MINHA
VISITA AO ARNALDO
Hoje fui ao hospital. Senti-me na
obrigação de visitar o meu amigo Arnaldo. Por pouco não
contive o choro. O pobre coitado estava adormecido sobre a cama. Era
um quarto simples, sem conforto e sem muita esperança. Tinha
ele muitos hematomas pelo corpo; o olho direito arroxeado pelos socos
e pontapés que lhe foram desferidos. A face estava bastante
inchada e a respiração a mim parecia bastante
dificultosa.
A
sua esposa não se encontrava no quarto. Saíra um pouco
antes da minha chegada e eu ainda podia sentir o seu cheiro
perfumando todo o quarto. Era um perfume agridoce, uma mistura de
romantismo e de pecado. Senti meu peito palpitar, minha pele
estremecer e o suor descer pela minha testa franzida. Tentei esconder
minha inquietação. O meu amigo estava desacordado – e
éramos somente ele e eu naquele quarto – mas eu sentia que
ele escutar o pulsar acelerado do meu coração, minha
respiração ofegante, quiçá, sentir meu
desconforto naquele instante.
Cheguei
mais perto do leito e, a cada mínimo instante, sentia mais
fraca a sua respiração. Tive pena e raiva daquele
homem, inválido, sobre a cama. Pensei pegar o travesseiro e
acabar de vez com aquela situação. Não podia!
Aquele homem era meu amigo. Afinal, havíamos crescido juntos,
tínhamos toda uma vida de amizade. Era eu o seu mais fiel
confidente e, pobrezinho, também seu maior algoz.
Sentei-me
em uma cadeira, colocada ao lado do leito, segurei a sua mão e
peguei-me a relembrar o passado: a sua chegada à fazenda,
ainda novo; as corridas no pomar e os banhos de rio; as idas à
cidade, em busca de festas e raparigas; os sonhos e desenganos de
ambos; o encontro com aquela menina desajeitada e bonitinha, que
todos os dias chegava cedo à fazenda, cozinhava e cuidava da
casa e depois ia embora, pela qual o Arnaldo guardava uma paixão
incessante e, mais tarde, com minha ajuda, viria a ser sua mulher.
Pobre
amigo!

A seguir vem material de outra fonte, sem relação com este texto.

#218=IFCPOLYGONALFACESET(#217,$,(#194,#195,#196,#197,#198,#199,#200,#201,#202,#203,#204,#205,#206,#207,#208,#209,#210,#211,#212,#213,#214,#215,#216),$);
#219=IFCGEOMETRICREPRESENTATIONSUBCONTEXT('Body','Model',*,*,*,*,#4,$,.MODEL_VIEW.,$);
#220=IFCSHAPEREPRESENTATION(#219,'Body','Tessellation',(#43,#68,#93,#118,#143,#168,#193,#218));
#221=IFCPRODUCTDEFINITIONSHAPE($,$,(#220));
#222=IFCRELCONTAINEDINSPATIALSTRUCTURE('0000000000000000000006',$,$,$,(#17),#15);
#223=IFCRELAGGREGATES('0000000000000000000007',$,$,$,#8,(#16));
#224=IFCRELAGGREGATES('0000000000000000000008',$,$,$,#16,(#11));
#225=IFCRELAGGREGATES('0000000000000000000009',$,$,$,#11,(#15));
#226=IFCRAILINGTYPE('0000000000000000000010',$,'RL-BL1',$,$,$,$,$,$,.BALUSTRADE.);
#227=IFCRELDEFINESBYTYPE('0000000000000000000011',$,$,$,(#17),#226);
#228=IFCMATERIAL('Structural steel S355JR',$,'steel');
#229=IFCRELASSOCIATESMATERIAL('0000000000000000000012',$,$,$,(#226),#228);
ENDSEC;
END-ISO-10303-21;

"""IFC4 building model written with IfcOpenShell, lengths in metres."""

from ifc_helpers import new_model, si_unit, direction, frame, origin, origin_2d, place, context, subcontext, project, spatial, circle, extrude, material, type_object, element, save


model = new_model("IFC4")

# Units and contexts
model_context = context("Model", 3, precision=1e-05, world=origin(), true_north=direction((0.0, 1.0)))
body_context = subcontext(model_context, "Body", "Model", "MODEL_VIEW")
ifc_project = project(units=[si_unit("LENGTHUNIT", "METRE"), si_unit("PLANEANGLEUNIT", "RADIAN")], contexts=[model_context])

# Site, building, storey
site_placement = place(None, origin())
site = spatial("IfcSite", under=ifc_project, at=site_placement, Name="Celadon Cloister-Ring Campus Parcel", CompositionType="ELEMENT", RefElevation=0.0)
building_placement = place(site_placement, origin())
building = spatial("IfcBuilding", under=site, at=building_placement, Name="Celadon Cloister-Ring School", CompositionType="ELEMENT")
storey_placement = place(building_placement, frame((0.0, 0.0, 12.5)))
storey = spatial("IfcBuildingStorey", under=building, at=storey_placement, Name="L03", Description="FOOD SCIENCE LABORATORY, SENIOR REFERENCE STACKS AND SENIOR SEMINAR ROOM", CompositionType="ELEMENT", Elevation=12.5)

Agora estava ali, deitado sobre aquela cama, sem um futuro
certo, sem rumo, contando apenas a minha amizade e o amor de sua
esposa. O choro me veio novamente à mente. Segurei, bocejei
para espantá-lo. Levantei-me, peguei o chapéu e fiz
menção de me retirar.
Já
me despedia do Arnaldo quando ela chegou. Não disse nada;
apenas veio ao meu encontro e, silenciosamente, abraçou-me.

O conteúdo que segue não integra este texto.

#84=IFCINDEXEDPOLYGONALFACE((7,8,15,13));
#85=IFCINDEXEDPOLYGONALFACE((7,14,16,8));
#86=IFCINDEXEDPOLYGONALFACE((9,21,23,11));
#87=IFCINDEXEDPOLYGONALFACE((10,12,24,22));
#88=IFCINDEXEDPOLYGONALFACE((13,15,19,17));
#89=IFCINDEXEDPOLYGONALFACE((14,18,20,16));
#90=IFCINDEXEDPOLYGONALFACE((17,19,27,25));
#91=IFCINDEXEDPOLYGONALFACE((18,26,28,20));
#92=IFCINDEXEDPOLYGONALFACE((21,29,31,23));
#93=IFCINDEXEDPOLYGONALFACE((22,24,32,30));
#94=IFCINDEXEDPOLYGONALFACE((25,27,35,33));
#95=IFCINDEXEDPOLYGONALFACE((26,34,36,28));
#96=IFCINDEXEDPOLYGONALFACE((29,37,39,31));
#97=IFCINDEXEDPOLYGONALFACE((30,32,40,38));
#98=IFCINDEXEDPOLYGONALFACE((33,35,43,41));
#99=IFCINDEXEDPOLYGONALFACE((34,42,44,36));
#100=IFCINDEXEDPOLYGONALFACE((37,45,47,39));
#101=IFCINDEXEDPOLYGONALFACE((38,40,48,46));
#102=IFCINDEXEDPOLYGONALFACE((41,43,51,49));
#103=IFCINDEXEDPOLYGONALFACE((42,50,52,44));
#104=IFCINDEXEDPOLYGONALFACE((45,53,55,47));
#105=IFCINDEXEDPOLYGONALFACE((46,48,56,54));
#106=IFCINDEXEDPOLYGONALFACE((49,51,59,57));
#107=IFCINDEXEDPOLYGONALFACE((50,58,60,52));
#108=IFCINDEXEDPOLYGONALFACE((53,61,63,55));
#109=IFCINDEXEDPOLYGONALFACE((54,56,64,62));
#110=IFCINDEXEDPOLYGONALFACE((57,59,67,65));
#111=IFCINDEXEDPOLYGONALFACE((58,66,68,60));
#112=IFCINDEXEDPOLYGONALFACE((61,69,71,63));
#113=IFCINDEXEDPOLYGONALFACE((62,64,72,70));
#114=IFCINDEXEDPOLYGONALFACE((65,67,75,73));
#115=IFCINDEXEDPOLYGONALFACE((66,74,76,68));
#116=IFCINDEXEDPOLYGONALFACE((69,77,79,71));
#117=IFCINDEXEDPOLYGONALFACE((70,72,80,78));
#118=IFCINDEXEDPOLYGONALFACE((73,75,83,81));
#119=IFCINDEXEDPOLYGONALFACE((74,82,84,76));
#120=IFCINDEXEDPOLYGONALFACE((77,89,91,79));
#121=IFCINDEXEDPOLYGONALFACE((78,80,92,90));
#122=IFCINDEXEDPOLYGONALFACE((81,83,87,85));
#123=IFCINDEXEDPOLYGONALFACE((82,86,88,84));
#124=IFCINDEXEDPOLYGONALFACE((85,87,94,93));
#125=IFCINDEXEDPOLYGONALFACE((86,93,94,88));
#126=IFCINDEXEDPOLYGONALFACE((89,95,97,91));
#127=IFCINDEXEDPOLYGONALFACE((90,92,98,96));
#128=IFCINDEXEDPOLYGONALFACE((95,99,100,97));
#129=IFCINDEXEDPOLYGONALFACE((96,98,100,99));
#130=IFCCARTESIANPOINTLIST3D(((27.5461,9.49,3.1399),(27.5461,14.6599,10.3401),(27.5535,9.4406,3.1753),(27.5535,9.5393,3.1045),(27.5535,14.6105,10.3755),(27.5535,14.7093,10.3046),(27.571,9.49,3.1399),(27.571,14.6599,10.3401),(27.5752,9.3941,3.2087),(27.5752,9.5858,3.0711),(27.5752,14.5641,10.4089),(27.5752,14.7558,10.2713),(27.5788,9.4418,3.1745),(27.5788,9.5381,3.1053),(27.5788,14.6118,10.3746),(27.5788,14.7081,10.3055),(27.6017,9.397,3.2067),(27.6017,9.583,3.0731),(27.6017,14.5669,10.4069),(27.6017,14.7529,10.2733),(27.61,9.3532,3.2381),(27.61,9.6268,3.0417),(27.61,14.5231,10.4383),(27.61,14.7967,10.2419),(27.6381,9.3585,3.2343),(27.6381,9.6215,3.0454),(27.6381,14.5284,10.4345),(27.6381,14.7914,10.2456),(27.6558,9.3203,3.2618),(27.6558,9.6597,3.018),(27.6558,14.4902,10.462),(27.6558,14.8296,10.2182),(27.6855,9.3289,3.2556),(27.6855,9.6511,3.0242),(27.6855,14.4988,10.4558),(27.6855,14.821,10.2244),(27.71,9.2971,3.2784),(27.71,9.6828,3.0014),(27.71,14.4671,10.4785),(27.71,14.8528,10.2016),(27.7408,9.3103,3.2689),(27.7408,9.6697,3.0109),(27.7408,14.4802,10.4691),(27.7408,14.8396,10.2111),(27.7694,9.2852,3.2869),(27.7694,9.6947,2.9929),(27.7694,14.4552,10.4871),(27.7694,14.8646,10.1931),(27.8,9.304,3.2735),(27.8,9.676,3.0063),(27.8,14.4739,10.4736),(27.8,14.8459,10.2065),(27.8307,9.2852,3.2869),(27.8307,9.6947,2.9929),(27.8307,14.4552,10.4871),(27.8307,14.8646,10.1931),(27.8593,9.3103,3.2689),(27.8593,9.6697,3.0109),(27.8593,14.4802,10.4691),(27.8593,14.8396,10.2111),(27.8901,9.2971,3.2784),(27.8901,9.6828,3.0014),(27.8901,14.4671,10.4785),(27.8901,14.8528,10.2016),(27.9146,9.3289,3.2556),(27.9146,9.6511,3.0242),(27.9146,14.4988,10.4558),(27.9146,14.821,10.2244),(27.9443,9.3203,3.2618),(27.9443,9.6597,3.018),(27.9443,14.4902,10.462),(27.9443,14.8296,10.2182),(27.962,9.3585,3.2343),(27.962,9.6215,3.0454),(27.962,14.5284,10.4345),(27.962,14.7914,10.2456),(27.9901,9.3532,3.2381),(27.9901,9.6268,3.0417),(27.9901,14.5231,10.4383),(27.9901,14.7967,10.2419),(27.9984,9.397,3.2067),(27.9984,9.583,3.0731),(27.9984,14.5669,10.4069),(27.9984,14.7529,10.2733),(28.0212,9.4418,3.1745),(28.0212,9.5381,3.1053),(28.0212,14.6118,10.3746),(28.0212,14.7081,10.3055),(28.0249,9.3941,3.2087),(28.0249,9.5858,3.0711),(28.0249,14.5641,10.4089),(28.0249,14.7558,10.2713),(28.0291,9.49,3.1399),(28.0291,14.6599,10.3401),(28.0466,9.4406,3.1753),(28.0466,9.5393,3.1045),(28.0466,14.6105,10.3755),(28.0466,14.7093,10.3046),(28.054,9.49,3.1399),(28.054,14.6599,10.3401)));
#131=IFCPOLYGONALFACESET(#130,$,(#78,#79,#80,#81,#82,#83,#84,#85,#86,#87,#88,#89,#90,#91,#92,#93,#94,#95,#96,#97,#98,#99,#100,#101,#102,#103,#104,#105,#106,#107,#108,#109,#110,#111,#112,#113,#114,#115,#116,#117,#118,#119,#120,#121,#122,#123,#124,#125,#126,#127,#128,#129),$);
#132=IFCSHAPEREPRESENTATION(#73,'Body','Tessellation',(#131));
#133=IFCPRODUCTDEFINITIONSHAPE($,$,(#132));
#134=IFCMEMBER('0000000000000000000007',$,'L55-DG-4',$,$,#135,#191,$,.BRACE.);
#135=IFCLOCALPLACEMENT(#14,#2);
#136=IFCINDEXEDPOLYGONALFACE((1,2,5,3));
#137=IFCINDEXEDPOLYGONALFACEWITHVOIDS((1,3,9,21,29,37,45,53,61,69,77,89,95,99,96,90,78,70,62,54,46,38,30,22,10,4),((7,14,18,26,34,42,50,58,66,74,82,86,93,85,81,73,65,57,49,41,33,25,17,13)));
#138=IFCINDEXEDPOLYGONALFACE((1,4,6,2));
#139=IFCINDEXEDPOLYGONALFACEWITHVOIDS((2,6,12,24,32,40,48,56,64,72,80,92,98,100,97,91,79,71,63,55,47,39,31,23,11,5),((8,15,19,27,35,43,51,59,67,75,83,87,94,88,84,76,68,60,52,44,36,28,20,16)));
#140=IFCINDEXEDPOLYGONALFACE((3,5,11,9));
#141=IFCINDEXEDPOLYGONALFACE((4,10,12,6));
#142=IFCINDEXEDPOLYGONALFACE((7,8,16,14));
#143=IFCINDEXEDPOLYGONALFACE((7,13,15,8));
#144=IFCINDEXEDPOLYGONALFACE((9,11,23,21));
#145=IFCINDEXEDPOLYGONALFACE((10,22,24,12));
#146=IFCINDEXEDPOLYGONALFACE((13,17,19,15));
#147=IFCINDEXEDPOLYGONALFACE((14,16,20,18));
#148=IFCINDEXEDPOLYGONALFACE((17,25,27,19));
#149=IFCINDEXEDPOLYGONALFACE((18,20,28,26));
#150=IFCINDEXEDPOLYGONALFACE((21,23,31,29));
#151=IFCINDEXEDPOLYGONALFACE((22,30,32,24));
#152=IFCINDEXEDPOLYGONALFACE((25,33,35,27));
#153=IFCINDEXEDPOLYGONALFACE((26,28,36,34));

Esfriei-me ao sentir o seu corpo junto ao meu. Seus seios tocando meu
peito; suas coxas juntas às minhas, suas partes unindo-se a
mim. Abracei-a silencioso e sentir profundamente àquele
instante, ainda que um pouco receoso, talvez temeroso de que o amigo
se levantasse daquela cama de lençóis embranquecidos.
Sem
dizer qualquer palavra, retirei-me do quarto. Fui para casa
devagar,flutuando em meus devaneios, observando os pássaros,
as flores, relembrando o Arnaldo e nossa amizade. Da minha roupa
suada subiu um perfume agridoce, um cheiro de mulher; o cheiro da
mulher do Arnaldo!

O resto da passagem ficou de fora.